Substance Abuse and Mental Health Services Administration


Agency Information Collection Activities: Proposed Collection; 
Comment Request

    In compliance with Section 3506(c)(2)(A) of the Paperwork Reduction 
Act of 1995 concerning opportunity for public comment on proposed 
collections of information, the Substance Abuse and Mental Health 
Services Administration will publish periodic summaries of proposed 
projects. To request more information on the proposed projects or to 
obtain a copy of the information collection plans, call the SAMHSA 
Reports Clearance Officer on (301) 443-7978.

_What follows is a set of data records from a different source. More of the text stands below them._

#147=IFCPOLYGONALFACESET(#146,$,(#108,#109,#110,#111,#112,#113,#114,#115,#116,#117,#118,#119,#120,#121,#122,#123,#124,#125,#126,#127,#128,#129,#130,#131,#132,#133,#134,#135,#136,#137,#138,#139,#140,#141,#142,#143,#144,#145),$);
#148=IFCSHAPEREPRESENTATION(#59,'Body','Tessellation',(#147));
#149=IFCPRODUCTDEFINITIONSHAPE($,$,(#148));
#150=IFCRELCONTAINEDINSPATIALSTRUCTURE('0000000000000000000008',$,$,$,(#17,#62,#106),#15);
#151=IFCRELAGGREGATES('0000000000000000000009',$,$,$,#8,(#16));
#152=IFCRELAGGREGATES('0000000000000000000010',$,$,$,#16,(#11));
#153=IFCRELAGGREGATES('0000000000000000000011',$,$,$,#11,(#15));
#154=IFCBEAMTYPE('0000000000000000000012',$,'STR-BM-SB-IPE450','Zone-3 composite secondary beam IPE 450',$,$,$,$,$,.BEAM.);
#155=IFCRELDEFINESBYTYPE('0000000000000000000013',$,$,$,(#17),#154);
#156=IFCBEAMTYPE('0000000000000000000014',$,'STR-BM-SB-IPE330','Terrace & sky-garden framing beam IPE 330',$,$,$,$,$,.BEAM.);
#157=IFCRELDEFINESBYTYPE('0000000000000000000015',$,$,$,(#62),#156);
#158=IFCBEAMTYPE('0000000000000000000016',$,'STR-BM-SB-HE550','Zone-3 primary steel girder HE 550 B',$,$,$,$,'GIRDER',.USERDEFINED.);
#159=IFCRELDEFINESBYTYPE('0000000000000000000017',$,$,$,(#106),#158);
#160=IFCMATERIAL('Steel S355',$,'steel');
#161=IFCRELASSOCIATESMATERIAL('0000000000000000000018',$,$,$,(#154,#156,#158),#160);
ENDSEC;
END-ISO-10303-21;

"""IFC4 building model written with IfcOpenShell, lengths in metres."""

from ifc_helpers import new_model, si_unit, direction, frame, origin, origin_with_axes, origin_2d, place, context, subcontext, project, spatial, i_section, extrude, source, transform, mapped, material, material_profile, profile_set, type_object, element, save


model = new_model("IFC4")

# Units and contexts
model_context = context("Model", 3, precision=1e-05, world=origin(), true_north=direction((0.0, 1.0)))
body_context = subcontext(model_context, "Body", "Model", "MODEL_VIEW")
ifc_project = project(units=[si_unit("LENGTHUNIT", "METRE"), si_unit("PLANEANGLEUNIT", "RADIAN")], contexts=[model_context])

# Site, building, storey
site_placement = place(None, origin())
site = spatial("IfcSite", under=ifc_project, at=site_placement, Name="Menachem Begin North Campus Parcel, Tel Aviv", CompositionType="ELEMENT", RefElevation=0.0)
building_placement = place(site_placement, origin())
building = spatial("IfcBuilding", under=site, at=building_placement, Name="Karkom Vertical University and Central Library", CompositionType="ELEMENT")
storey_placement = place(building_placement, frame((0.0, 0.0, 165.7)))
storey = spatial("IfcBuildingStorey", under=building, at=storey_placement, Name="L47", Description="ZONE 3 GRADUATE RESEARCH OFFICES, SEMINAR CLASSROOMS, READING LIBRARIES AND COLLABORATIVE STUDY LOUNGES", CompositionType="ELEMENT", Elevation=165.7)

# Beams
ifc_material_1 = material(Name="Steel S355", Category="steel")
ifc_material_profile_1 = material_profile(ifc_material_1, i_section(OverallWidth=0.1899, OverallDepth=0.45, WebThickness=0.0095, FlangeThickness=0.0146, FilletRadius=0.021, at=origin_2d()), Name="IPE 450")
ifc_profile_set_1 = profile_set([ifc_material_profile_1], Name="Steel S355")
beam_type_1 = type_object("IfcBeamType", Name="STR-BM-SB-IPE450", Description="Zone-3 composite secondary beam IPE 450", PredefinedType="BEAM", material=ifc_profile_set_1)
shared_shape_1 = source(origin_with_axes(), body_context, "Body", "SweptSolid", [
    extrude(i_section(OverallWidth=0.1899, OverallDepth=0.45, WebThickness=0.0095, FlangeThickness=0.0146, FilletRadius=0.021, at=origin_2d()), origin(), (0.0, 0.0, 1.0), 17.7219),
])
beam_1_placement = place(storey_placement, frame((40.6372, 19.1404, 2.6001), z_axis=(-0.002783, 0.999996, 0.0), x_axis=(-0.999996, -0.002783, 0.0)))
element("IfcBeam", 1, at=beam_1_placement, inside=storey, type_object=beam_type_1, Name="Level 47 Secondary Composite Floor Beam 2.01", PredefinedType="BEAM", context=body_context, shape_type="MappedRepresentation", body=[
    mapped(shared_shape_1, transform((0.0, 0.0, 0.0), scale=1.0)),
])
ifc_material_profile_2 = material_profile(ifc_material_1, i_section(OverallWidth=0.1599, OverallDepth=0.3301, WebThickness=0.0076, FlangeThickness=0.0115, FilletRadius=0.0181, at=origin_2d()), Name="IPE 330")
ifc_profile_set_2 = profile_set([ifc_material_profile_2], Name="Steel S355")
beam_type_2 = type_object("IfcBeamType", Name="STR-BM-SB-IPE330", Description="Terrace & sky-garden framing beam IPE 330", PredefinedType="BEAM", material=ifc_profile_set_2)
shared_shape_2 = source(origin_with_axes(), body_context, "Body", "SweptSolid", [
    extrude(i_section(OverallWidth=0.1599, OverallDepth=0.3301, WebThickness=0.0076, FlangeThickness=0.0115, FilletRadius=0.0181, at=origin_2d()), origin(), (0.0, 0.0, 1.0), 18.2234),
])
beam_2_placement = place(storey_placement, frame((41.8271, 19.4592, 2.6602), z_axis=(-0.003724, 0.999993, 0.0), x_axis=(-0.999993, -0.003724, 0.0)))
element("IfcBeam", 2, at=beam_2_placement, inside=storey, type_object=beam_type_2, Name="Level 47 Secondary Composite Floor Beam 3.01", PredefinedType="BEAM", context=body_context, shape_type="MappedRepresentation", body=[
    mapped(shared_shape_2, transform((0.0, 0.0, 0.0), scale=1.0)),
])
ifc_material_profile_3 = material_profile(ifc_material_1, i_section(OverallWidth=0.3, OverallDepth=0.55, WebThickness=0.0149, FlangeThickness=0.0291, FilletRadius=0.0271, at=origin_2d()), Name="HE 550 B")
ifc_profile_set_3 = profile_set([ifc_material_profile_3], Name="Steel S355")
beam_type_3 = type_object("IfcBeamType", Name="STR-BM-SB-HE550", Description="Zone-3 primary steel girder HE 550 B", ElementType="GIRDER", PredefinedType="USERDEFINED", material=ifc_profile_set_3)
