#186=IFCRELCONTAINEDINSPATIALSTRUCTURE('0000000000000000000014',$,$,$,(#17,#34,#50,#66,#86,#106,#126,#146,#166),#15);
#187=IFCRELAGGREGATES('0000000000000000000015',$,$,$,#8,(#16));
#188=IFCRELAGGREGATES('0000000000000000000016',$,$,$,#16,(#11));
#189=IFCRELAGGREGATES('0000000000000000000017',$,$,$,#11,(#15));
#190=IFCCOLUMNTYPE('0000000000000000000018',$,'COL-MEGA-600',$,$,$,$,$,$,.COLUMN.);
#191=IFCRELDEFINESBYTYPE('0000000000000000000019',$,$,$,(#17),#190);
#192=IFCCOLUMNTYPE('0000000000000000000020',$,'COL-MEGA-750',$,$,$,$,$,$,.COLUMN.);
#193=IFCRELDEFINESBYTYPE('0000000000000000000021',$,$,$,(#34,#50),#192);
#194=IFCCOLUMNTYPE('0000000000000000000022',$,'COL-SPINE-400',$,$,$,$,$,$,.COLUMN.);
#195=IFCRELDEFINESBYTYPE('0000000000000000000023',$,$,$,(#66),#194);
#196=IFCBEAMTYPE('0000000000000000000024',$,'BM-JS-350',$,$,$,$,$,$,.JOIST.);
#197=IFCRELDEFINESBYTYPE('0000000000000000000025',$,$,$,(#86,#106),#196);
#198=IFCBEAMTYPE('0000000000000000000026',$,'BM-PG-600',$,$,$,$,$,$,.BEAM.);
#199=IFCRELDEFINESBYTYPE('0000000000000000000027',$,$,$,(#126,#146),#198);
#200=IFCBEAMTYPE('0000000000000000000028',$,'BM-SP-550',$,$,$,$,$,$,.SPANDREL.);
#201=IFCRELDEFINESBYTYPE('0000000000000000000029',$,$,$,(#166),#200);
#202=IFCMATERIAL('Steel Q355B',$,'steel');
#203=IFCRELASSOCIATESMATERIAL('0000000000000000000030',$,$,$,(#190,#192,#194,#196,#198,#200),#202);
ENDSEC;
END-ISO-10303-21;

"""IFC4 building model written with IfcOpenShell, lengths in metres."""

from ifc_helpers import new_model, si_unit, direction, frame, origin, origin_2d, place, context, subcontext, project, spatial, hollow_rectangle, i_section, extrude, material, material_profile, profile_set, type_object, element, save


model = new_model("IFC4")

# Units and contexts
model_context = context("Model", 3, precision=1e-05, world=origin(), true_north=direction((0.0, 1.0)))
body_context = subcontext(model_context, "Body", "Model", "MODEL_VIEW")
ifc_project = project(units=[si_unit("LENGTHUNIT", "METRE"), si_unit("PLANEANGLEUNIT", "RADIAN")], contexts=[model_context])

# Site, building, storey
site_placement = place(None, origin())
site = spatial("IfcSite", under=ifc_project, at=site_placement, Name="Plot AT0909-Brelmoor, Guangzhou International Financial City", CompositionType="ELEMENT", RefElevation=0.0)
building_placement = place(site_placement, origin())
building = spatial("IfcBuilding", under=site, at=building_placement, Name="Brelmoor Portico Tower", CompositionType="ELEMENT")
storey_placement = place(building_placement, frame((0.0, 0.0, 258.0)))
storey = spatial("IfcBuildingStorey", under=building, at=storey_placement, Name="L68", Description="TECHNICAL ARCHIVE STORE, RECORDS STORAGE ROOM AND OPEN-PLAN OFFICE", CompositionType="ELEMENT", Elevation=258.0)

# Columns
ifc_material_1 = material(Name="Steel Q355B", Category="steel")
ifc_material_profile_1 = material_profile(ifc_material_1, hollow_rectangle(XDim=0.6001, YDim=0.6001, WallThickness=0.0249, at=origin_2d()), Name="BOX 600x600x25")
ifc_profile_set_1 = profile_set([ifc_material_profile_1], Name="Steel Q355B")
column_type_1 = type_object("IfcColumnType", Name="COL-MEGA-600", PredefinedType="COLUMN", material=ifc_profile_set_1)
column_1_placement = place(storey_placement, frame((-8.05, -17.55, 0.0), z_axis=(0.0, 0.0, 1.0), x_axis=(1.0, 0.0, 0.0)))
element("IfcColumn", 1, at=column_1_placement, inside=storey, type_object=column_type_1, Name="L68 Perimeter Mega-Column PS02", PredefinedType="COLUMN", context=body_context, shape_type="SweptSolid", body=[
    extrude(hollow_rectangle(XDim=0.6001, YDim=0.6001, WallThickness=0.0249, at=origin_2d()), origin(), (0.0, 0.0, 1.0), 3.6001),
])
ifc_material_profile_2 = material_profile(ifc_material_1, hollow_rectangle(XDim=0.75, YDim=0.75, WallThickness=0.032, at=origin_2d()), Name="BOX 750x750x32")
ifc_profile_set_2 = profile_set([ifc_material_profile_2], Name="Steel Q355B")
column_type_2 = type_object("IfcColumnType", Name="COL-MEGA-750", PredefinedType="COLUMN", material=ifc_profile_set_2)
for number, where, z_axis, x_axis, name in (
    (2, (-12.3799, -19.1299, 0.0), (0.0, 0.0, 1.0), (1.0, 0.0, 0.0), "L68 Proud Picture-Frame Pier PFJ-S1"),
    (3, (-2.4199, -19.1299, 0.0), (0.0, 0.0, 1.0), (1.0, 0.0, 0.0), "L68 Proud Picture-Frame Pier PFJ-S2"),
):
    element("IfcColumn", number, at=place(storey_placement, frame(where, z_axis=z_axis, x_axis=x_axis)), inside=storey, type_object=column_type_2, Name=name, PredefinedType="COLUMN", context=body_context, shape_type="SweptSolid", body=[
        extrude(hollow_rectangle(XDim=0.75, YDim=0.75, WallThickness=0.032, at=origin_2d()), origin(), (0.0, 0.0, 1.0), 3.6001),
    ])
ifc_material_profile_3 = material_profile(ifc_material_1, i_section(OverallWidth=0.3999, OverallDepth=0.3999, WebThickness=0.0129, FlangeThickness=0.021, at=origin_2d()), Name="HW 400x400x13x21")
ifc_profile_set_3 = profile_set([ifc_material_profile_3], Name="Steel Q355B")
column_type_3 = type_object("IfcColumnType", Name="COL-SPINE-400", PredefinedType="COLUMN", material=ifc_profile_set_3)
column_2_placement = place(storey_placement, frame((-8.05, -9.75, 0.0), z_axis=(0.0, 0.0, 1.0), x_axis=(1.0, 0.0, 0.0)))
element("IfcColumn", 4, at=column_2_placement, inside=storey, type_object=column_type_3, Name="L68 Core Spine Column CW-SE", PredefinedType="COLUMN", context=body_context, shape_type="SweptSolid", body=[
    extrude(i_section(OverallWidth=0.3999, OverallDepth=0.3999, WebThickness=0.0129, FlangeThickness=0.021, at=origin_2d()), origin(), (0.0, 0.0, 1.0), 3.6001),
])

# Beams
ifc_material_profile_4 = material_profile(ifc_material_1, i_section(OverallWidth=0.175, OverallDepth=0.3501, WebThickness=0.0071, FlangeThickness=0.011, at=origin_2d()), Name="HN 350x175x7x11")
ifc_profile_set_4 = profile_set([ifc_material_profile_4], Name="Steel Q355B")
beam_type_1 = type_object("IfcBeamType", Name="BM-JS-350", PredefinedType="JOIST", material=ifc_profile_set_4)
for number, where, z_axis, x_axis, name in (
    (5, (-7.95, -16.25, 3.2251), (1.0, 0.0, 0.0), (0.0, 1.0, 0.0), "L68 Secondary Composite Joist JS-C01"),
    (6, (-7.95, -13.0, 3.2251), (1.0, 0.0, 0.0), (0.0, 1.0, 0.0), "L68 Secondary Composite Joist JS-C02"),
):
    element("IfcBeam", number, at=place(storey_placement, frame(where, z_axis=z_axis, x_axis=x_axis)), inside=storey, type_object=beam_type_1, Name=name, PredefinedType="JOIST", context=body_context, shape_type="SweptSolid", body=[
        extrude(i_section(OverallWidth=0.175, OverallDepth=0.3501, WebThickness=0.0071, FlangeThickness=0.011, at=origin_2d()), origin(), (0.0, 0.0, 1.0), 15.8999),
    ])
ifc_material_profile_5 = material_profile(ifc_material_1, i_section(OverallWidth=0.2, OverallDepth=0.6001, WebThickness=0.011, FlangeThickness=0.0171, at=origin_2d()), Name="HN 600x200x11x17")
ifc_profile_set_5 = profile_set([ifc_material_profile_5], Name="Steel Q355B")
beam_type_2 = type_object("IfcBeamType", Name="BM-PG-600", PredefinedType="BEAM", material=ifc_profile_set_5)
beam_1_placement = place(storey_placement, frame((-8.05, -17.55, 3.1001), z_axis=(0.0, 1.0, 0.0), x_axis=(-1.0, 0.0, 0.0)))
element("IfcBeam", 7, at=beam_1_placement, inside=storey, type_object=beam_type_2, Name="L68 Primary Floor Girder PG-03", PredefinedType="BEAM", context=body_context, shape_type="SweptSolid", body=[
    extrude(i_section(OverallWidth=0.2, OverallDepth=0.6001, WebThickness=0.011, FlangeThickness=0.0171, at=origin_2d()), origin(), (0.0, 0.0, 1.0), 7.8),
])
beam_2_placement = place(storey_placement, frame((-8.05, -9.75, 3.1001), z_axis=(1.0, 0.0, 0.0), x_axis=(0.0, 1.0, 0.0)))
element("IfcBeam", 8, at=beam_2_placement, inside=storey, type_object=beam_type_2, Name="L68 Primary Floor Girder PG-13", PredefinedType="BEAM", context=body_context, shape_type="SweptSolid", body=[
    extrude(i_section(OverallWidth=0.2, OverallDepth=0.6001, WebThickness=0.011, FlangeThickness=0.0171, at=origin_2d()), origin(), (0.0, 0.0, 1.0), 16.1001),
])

    Comments are invited on: (a) Whether the proposed collections of 
information are necessary for the proper performance of the functions 
of the agency, including whether the information shall have practical 
utility; (b) the accuracy of the agency's estimate of the burden of the 
proposed collection of information; (c) ways to enhance the quality, 
utility, and clarity of the information to be collected; and (d) ways 
to minimize the burden of the collection of information on respondents, 
including through the use of automated collection techniques or other 
forms of information technology.
    Proposed Project: The Evaluation of the Buprenorphine Waiver 
Program--Survey of Physicians with Waivers--New--The Substance Abuse 
and Mental Health Services Administration (SAMHSA), Center for 
Substance Abuse Treatment (CSAT), Division of Pharmacologic Therapies, 
(DPT), is evaluating a program that permits office-based physicians to 
obtain Waivers from the requirements of the Narcotic Addict Treatment 
Act of 1974 (21 U.S.C. 823(g)). Under the Drug Addiction Treatment Act 
of 2000 (21 U.S.C. 823(g)(2)), the Waiver Program permits qualified 
physicians to dispense or prescribe schedule III, IV, and V narcotic 
drugs or combinations of such drugs approved by the Food and Drug 
Administration (FDA) for the treatment of addiction to opiates. Subutex 
and Suboxone, two formulations of buprenorphine, a schedule III 
narcotic drug, were approved by the FDA in October, 2002, for the 
treatment of opiate addiction and are now being used under the Waiver 
Program. The Drug Abuse Treatment Act (DATA) also specifies that the 
Secretary of the Department of Health and Human Services may make 
determinations concerning whether: (1) Treatments provided under the 
Waiver Program have been effective forms of maintenance treatment and 
detoxification treatment in clinical settings; (2) the Waiver Program 
has significantly increased (relative to the beginning of such period) 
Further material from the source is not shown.